FLORIANÓPOLIS – Após semanas de intensa investigação e comoção nacional, a Polícia Civil de Santa Catarina concluiu os inquéritos que apuravam a morte do cão comunitário Orelha e a tentativa de afogamento do cachorro Caramelo, ambos ocorridos na Praia Brava, em Florianópolis. A informação foi confirmada pelo governo do estado nesta terça-feira (3), que deve divulgar os detalhes completos, incluindo os responsáveis e indiciados pelos maus-tratos.
Crueldade na Praia Brava: Menores são apontados como autores
A corporação atribuiu os atos de crueldade a adolescentes. No entanto, devido ao Estatuto da Criança e do Adolescente (ECA), que prevê sigilo absoluto em procedimentos envolvendo menores de 18 anos, a Polícia Civil não adiantou o número exato de envolvidos em cada um dos crimes, nem seus nomes e idades.
O caso de Orelha, um cão dócil e idoso que era mascote da Praia Brava há mais de 10 anos, gerou uma onda de indignação em todo o Brasil. Ele foi encontrado agonizando em 4 de janeiro, após ser brutalmente agredido. O laudo pericial confirmou que o animal foi atingido na cabeça com um objeto contundente, culminando em sua morte.

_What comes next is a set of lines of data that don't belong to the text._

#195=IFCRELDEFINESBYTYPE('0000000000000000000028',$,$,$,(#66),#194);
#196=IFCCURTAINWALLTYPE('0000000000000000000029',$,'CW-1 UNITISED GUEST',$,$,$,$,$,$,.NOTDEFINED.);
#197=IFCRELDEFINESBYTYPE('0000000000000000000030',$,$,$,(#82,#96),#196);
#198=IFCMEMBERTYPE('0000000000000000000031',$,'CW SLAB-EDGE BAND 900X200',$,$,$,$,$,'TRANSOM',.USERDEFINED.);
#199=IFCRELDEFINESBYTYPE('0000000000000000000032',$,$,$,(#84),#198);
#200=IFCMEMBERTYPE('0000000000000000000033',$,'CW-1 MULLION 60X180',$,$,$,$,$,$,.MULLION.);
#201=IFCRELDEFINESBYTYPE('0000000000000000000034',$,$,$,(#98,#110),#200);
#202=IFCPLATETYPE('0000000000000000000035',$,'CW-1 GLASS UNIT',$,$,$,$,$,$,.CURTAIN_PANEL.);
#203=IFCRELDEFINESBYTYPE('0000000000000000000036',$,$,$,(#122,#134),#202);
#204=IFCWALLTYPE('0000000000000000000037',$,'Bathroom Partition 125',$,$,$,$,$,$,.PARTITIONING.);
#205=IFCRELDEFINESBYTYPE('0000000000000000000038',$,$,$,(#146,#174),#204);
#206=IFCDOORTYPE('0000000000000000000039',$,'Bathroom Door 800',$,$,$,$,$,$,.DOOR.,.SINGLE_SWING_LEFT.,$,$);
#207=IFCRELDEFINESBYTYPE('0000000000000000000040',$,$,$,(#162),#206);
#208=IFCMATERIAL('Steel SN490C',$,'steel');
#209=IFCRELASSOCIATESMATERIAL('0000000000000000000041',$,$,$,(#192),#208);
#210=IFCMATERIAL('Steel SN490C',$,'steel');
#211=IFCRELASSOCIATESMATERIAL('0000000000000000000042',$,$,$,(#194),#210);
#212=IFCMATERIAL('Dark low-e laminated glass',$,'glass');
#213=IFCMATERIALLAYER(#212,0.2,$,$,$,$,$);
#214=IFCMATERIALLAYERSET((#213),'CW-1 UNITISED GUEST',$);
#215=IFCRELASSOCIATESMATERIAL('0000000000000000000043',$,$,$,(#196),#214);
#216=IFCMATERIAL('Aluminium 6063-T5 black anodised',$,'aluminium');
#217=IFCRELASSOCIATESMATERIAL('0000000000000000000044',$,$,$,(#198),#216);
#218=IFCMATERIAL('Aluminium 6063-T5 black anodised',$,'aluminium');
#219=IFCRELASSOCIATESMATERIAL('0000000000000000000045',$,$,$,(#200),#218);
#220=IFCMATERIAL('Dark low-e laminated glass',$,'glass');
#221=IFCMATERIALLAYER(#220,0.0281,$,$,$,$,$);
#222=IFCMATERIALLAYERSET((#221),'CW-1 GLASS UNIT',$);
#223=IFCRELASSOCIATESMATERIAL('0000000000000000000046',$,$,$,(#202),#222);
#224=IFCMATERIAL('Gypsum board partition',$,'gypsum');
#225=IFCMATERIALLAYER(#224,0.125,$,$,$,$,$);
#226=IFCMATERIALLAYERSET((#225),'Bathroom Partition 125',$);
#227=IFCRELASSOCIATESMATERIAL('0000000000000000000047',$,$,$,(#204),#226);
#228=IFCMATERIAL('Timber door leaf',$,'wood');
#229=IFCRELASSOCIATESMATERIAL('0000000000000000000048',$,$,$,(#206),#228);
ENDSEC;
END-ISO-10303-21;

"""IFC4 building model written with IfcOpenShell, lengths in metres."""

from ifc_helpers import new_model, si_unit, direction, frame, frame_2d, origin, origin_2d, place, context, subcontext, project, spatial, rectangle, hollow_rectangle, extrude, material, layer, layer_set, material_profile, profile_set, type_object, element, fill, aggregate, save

A investigação, que analisou quase mil horas de gravações de câmeras de segurança, enfrentou o desafio da ausência de imagens do momento exato do espancamento. Contudo, registros de outros episódios na mesma região e período, que também teriam sido causados por adolescentes, foram cruciais para a elucidação do caso.
Coação de testemunha: Adultos também são indiciados
A complexidade do caso Orelha se estendeu para além dos agressores diretos. A Polícia Civil também indiciou três adultos, dois pais e um tio dos adolescentes suspeitos, por coagir uma testemunha. A vítima, um vigilante de condomínio, possuía uma foto que poderia auxiliar na elucidação do crime, e teria sofrido pressão para não colaborar com as investigações.
Quem era Orelha? Símbolo de doçura e abandono
Orelha era mais do que um cão; era um símbolo da comunidade da Praia Brava. Conhecido por sua docilidade, abanava o rabo e procurava carinho de moradores e turistas. Médicos veterinários e empresários locais se revezavam em seus cuidados, chocados com a brutalidade do ataque. “Ele era sinônimo de alegria, muito amado. Um cachorrinho de 10 anos… que mal faria a alguém?”, questionou a veterinária Fernanda Oliveira, que acompanhava o animal.
Com a conclusão dos inquéritos, espera-se que os responsáveis sejam devidamente responsabilizados, conforme prevê a legislação, e que o caso sirva de alerta para a importância da conscientização e prevenção de maus-tratos contra animais.